To see live-updating temperature, follow the steps below:

  1. Begin sending simulated IoT data by running the DeviceSimulator project from the Azure Digital Twins Connect an end-to-end solution. The instructions for this process are in the Configure and run the simulation section.
  2. Use the Azure Maps Indoor module to render your indoor maps created in Azure Maps Creator.
    1. Copy the HTML from the Example: Use the Indoor Maps Module section of the indoor maps in Use the Azure Maps Indoor Maps module to a local file.
    2. Replace the subscription key, tilesetId, and statesetID in the local HTML file with your values.
    3. Open that file in your browser.

Both samples send temperature in a compatible range, so you should see the color of room 121 update on the map about every 30 seconds.

Screenshot of an office map showing room 121 colored orange.

Store your maps information in Azure Digital Twins

Now that you have a hardcoded solution to updating your maps information, you can use the Azure Digital Twins graph to store all of the information necessary for updating your indoor map.
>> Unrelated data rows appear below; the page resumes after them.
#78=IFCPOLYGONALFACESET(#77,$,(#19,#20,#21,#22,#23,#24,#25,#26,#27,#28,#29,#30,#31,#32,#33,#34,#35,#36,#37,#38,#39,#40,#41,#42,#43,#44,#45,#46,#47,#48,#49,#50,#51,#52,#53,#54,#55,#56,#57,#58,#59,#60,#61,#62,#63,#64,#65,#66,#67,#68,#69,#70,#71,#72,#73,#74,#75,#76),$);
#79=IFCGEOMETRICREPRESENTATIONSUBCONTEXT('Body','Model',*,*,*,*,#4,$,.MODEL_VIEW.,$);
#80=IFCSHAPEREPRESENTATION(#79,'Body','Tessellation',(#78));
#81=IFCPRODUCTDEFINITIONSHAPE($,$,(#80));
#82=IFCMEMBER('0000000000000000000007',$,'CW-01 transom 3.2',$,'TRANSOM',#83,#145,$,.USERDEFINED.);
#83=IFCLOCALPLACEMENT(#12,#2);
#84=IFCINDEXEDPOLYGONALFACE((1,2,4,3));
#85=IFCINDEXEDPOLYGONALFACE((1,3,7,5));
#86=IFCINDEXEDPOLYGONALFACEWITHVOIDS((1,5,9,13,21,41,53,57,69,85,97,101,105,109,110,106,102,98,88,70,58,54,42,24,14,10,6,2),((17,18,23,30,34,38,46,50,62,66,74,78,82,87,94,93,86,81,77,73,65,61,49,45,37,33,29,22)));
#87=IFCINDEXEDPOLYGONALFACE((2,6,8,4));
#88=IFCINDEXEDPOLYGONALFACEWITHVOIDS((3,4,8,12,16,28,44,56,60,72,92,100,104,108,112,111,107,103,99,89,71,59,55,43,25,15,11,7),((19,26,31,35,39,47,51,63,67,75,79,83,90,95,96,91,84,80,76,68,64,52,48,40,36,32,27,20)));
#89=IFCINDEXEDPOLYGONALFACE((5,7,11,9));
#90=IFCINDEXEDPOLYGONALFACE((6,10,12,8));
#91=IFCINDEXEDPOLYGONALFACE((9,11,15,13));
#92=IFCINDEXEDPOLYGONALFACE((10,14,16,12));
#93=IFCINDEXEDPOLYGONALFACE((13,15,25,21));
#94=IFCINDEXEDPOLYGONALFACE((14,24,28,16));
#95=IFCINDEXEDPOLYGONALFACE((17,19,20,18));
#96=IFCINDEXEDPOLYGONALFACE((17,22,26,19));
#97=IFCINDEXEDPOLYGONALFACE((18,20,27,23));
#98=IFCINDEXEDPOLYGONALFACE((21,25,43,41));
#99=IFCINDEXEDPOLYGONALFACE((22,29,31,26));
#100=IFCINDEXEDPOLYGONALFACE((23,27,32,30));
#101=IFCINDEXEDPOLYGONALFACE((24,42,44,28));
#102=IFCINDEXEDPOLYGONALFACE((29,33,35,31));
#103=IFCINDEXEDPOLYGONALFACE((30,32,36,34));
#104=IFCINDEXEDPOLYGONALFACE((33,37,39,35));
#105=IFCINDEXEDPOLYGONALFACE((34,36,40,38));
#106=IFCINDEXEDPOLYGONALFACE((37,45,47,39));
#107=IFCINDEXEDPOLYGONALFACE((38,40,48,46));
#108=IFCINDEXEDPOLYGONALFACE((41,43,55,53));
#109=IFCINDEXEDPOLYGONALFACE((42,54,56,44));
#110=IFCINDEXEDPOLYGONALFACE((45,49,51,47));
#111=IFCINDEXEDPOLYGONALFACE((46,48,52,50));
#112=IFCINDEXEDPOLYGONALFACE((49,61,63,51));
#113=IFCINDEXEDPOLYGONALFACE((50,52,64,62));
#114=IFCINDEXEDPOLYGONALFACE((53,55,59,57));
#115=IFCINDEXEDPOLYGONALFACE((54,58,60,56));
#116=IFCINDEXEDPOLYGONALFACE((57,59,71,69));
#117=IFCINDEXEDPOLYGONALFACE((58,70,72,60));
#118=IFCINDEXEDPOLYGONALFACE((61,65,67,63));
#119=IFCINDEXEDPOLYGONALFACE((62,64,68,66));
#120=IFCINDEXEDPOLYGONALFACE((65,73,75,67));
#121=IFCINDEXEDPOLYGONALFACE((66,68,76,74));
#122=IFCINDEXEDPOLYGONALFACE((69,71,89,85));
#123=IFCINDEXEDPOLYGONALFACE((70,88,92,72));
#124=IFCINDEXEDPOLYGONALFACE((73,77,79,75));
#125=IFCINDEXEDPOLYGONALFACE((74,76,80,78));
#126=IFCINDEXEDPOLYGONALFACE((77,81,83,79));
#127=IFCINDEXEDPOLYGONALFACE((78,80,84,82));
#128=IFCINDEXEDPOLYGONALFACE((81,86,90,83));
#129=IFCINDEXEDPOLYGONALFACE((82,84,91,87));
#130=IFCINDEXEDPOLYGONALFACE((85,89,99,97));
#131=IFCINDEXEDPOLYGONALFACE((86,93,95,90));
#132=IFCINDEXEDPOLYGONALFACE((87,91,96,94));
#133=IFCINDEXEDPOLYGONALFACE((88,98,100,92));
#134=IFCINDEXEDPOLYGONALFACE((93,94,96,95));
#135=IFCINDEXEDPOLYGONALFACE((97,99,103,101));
This information would include the stateset ID, maps subscription ID, and feature ID of each map and location respectively.

A solution for this specific example would involve updating each top-level space to have a stateset ID and maps subscription ID attribute, and updating each room to have a feature ID. You would need to set these values once when initializing the twin graph, then query those values for each twin update event.

Depending on the configuration of your topology, storing these three attributes at different levels correlating to the granularity of your map will be possible.